# Using a Cast Net to catch Bait Fish?



## theplanets (Apr 26, 2021)

I saw a video teaching people to use a cast net around marsh or inlets to catch baitfish like mullet. Is this worth doing? If so, any recommendations on where to do this around Myrtle Beach? Thanks!


----------



## SmoothLures (Feb 13, 2008)

Fresh or live bait is definitely worth it but today the mullet are either about an inch long or the 1-2 lbers and scarce. The big ones are great cut bait and a 3-6" finger mullet fished lived or filleted are great baits. No finger mullet here until the 1" grow over up the next couple months and the mullet run later in the summer. You can catch shrimp but they're also tiny right now and aren't worth your time until later in the year. The Garden City Causeway on Atlantic Ave is the most common bait spot and you can get some off the Veteran's Pier on the Marshwalk. The swash at 3rd Ave S at Family Kingdom should have some mullet later on, and you could try Wither's Swash Park up in Myrtle Beach but it's a high crime area. 

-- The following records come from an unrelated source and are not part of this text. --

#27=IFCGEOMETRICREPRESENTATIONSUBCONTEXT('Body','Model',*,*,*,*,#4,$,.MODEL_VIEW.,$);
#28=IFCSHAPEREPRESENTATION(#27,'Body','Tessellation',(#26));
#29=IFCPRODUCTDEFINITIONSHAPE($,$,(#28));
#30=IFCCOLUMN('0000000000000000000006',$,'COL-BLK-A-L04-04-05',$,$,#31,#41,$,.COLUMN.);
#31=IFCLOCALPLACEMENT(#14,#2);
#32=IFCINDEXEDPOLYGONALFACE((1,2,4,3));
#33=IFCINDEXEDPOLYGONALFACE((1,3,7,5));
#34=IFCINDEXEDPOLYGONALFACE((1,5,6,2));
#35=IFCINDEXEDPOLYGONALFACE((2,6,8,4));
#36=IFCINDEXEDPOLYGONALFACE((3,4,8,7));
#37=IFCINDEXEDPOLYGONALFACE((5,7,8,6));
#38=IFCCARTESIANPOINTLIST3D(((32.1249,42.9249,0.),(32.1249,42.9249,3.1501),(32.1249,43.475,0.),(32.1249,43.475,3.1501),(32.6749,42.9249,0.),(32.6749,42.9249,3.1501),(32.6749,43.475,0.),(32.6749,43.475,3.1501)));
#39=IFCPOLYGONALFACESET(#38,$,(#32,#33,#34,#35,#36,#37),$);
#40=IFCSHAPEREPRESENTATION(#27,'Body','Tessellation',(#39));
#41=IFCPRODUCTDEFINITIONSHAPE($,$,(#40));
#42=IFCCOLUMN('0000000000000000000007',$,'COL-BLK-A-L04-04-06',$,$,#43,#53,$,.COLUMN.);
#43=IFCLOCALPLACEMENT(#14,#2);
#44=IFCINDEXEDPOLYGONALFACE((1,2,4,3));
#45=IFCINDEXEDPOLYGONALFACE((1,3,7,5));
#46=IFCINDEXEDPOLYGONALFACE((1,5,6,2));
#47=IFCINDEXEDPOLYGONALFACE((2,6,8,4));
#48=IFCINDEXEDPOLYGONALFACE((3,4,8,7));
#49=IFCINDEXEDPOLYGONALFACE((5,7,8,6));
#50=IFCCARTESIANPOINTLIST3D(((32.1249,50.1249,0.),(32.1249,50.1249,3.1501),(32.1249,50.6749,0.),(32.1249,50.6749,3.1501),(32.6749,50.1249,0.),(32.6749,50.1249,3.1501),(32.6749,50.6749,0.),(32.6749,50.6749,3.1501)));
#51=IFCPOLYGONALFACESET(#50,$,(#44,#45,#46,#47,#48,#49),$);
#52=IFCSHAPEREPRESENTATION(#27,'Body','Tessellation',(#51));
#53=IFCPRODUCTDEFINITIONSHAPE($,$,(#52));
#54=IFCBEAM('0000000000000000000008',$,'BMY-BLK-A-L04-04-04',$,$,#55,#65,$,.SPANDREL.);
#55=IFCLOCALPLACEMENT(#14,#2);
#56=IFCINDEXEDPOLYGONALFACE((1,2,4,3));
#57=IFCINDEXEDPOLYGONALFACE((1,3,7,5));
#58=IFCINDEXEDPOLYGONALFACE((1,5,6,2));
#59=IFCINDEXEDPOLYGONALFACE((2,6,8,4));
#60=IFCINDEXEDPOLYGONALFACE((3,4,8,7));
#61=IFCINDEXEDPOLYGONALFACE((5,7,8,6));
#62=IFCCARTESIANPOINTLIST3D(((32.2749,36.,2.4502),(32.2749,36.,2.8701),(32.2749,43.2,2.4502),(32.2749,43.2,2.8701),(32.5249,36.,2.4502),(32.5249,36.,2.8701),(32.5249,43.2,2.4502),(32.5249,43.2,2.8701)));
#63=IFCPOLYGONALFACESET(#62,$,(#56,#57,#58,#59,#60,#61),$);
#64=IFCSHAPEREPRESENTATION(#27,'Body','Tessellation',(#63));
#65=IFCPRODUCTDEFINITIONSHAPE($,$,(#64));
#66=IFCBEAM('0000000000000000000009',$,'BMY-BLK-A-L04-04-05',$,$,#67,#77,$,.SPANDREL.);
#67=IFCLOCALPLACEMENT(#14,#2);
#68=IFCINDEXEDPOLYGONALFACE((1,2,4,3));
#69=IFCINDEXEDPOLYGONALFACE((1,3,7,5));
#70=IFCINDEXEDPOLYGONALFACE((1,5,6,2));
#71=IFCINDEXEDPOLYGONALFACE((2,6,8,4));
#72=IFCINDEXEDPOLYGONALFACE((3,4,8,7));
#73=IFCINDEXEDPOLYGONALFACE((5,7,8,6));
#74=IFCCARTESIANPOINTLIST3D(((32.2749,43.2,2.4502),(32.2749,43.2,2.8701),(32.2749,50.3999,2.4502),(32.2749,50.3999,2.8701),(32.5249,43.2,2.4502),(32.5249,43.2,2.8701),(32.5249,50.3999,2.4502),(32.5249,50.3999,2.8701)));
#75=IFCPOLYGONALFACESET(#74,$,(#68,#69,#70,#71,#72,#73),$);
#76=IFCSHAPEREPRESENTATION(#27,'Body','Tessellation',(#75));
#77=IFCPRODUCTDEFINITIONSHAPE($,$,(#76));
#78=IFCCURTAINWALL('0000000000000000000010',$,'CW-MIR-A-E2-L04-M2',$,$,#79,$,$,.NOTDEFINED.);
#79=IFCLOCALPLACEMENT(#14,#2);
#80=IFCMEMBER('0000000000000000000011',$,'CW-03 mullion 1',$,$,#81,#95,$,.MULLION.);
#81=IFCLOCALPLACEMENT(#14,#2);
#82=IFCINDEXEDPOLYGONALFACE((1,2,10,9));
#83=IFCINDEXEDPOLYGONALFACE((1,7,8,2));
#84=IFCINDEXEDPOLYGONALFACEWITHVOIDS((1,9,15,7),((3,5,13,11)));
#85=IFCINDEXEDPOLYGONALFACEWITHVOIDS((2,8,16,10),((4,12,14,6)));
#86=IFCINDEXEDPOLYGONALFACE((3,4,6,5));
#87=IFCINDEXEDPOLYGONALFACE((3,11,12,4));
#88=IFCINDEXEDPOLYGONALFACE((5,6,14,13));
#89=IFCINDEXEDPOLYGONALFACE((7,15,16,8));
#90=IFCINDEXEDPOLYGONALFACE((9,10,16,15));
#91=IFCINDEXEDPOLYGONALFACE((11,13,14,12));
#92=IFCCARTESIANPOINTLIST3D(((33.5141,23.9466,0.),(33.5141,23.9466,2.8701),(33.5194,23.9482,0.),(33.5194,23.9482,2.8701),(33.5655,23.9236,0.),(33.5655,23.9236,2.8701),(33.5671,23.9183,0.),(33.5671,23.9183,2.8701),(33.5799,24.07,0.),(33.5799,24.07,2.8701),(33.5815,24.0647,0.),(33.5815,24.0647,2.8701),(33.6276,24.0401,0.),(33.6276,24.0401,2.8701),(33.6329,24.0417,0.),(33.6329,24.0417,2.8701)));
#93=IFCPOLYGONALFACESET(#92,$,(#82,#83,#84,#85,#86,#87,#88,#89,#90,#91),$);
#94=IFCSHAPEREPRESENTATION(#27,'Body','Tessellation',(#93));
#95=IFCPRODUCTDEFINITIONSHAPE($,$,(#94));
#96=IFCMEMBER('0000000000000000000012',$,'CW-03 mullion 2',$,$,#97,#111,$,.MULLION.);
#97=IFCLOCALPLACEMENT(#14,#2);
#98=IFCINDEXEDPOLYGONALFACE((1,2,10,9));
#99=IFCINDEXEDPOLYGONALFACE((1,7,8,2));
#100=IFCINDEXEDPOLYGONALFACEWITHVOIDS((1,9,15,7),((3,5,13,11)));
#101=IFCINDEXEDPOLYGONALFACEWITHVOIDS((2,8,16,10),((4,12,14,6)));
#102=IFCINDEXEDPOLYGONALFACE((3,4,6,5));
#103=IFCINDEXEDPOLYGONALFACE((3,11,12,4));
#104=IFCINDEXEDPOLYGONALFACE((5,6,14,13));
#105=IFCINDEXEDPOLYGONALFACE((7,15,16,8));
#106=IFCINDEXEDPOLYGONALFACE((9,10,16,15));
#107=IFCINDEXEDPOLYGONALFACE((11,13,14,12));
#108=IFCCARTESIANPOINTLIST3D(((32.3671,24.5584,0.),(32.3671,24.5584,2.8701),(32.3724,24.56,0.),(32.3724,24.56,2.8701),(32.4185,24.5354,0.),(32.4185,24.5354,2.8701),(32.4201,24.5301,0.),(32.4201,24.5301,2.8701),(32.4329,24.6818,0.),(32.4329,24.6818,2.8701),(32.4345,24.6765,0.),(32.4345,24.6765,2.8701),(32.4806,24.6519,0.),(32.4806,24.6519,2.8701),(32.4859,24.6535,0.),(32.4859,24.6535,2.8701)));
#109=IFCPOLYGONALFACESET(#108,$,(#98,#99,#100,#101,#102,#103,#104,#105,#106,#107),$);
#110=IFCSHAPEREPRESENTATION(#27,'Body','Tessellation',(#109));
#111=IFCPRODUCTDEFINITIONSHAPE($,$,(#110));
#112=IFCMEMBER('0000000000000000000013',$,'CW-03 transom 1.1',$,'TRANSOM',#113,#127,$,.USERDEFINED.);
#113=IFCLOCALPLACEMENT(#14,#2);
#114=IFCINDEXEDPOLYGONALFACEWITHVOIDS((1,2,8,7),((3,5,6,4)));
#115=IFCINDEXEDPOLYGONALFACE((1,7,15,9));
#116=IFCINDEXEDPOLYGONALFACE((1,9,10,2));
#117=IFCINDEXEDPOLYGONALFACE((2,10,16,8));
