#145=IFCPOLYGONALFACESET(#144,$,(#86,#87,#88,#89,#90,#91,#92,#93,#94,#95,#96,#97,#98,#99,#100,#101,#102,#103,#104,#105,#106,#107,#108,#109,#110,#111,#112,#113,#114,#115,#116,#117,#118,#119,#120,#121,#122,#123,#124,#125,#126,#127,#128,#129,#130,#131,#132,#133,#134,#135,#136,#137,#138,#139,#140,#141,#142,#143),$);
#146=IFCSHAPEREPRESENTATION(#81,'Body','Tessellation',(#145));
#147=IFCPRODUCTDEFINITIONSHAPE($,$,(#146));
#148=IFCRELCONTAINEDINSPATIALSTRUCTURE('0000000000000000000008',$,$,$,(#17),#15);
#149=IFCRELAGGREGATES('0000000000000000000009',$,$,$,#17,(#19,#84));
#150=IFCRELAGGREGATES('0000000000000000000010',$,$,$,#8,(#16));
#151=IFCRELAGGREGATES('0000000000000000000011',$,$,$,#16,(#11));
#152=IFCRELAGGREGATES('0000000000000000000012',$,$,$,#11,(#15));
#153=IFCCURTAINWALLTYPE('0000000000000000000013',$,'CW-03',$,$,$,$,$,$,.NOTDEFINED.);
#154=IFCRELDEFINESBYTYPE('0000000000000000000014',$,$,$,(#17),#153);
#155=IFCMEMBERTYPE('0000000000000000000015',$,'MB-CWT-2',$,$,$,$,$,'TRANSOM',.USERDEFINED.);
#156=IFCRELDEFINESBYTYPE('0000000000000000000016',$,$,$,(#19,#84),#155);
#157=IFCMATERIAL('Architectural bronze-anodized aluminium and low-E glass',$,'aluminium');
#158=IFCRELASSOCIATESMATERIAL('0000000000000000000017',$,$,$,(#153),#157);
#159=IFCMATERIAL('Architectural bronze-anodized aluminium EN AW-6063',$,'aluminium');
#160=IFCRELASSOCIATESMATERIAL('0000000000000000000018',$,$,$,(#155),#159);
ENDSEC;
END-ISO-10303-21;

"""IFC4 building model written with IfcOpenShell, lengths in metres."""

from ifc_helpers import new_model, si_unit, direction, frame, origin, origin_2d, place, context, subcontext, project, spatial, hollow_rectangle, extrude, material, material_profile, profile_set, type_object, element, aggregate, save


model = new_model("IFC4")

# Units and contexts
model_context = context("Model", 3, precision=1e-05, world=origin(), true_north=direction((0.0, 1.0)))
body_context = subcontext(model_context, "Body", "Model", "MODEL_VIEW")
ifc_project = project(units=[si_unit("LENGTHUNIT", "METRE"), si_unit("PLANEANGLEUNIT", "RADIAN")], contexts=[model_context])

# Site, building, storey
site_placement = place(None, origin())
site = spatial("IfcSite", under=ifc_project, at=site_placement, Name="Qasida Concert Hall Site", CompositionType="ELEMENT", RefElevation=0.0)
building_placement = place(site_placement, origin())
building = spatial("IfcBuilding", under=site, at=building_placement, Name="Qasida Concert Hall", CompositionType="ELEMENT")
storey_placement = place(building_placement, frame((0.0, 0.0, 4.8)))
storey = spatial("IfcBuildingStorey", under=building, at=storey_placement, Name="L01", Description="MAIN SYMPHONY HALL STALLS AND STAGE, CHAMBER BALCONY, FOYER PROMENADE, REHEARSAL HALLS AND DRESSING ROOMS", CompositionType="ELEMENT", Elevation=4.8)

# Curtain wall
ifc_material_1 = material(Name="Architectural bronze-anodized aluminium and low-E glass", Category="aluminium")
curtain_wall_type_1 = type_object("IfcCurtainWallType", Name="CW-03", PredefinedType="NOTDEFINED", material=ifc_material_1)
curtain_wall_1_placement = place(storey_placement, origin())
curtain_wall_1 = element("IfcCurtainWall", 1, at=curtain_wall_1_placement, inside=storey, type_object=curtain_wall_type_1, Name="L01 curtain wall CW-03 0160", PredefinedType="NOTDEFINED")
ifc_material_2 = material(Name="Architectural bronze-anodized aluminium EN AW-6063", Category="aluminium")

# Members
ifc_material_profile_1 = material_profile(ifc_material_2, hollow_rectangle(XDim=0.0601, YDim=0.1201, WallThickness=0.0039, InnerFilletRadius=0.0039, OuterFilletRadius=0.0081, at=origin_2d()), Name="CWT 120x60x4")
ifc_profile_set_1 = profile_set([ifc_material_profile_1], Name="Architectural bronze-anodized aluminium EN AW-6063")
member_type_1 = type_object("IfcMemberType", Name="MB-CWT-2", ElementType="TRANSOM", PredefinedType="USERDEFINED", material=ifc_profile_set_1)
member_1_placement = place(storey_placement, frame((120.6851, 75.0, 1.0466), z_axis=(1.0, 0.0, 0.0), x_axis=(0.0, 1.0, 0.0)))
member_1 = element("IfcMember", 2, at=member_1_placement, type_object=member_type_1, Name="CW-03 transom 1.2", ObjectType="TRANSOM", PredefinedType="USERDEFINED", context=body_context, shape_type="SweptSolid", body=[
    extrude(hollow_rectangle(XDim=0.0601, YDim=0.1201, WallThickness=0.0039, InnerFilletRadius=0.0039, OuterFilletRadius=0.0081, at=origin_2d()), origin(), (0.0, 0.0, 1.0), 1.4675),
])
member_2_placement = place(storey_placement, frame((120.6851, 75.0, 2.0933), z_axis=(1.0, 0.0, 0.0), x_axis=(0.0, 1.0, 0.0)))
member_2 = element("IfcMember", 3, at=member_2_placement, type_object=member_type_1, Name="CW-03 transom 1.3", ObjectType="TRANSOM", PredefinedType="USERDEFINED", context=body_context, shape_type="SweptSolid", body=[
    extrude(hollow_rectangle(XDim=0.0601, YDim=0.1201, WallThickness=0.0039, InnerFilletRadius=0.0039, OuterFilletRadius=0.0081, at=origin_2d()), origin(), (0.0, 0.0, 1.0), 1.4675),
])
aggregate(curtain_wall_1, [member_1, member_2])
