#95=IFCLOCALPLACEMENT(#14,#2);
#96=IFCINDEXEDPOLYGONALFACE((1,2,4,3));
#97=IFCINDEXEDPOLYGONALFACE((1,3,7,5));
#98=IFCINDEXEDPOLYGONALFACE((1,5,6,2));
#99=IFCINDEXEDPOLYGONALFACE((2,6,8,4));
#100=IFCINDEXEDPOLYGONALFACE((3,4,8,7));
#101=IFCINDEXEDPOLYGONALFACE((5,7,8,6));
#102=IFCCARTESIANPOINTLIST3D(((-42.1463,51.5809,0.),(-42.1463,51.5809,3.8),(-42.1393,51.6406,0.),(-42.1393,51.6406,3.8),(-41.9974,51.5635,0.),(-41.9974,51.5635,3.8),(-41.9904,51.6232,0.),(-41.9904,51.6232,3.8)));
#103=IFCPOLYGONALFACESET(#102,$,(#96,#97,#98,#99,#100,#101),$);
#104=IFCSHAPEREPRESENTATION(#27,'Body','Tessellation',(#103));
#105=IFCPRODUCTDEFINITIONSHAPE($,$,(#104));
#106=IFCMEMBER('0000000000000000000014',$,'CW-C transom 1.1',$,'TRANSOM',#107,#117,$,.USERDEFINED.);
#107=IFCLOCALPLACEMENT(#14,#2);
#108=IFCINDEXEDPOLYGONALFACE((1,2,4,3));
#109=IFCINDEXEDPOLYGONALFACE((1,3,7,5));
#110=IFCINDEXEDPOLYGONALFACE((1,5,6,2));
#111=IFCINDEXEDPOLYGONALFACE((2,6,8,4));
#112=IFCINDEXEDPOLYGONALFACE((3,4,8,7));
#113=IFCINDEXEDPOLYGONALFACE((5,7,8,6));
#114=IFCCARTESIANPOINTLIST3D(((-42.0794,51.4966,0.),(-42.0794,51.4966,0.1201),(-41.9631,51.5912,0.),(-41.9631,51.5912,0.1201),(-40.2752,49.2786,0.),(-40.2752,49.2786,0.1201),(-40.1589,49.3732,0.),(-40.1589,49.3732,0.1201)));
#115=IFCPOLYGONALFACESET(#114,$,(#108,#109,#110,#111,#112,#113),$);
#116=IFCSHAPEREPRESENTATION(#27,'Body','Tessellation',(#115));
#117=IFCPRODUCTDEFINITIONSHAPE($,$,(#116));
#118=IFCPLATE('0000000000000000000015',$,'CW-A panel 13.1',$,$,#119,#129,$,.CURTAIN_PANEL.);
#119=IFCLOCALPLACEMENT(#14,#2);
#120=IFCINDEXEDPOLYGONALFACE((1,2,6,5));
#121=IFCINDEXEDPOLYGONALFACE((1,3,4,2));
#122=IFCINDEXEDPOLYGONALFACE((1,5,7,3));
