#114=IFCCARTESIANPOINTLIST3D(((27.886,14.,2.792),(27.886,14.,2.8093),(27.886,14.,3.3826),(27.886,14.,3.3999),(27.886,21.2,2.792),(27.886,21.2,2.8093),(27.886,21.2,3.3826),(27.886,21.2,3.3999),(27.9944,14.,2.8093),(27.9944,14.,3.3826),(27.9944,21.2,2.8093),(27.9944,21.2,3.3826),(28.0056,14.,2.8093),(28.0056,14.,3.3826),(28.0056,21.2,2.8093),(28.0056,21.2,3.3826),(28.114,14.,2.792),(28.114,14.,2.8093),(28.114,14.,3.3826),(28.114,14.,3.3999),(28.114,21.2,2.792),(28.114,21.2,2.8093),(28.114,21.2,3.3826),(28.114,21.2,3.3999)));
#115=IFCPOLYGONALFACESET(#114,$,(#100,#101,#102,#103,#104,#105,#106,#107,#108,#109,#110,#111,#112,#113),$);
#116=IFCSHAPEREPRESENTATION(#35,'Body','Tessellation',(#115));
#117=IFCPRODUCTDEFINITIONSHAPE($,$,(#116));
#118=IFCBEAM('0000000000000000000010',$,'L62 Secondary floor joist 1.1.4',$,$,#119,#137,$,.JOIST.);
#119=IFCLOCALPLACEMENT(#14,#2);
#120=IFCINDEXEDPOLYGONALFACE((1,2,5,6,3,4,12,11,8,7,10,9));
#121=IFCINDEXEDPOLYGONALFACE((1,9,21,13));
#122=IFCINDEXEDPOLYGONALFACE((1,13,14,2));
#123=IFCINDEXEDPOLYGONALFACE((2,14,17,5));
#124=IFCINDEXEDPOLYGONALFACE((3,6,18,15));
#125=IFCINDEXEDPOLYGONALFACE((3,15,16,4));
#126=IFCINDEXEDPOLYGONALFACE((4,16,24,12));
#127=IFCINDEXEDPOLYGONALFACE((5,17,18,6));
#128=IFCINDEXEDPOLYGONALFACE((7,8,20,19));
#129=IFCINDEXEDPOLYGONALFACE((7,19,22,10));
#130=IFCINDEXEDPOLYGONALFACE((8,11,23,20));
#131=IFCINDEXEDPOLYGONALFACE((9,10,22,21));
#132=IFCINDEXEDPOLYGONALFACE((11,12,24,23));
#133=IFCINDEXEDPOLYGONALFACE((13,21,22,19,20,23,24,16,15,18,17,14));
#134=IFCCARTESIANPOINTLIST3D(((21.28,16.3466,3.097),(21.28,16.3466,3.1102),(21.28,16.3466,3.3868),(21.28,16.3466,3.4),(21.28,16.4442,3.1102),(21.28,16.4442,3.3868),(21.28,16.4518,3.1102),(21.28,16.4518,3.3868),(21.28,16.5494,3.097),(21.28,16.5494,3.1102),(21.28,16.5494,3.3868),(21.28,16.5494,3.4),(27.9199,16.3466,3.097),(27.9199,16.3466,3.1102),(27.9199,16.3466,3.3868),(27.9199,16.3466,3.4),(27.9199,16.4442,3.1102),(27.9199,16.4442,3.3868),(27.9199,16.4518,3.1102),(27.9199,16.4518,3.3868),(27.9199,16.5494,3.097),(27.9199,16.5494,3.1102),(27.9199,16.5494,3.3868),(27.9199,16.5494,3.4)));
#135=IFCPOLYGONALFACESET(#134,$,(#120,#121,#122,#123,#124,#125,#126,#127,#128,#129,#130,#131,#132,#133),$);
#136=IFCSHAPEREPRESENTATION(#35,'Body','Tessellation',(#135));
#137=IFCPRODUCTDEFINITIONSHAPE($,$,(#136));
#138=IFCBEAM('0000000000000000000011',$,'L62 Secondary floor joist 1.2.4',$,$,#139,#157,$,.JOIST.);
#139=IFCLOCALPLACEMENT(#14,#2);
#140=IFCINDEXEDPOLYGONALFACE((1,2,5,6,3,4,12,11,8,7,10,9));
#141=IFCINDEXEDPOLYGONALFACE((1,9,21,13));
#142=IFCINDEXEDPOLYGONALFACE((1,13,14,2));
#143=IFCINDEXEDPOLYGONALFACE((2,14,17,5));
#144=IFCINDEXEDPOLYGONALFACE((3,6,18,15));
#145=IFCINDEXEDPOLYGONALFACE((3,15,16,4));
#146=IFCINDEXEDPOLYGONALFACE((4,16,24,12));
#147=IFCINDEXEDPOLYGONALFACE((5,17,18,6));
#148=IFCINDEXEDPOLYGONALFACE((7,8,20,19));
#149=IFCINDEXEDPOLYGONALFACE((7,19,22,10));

You can also net mullet in the surf or pier starting around late July or menhaden off a pier (if you have a big, heavy, fast sinking net).


----------



## theplanets (Apr 26, 2021)

SmoothLures said:


> Fresh or live bait is definitely worth it but today the mullet are either about an inch long or the 1-2 lbers and scarce. The big ones are great cut bait and a 3-6" finger mullet fished lived or filleted are great baits. No finger mullet here until the 1" grow over up the next couple months and the mullet run later in the summer. You can catch shrimp but they're also tiny right now and aren't worth your time until later in the year. The Garden City Causeway on Atlantic Ave is the most common bait spot and you can get some off the Veteran's Pier on the Marshwalk. The swash at 3rd Ave S at Family Kingdom should have some mullet later on, and you could try Wither's Swash Park up in Myrtle Beach but it's a high crime area.
> 
> You can also net mullet in the surf or pier starting around late July or menhaden off a pier (if you have a big, heavy, fast sinking net).


Wow, thanks a lot for the great informative write-up!


----------



## Lukeksnyder1 (Nov 12, 2019)

Also to start off I would go with maybe a 5’ net. They’re easy to throw.


----------



## theplanets (Apr 26, 2021)

Thanks for everyone's help. Successful casting trip today by the Buck Island Swamp. Got enough bait to last a while.


----------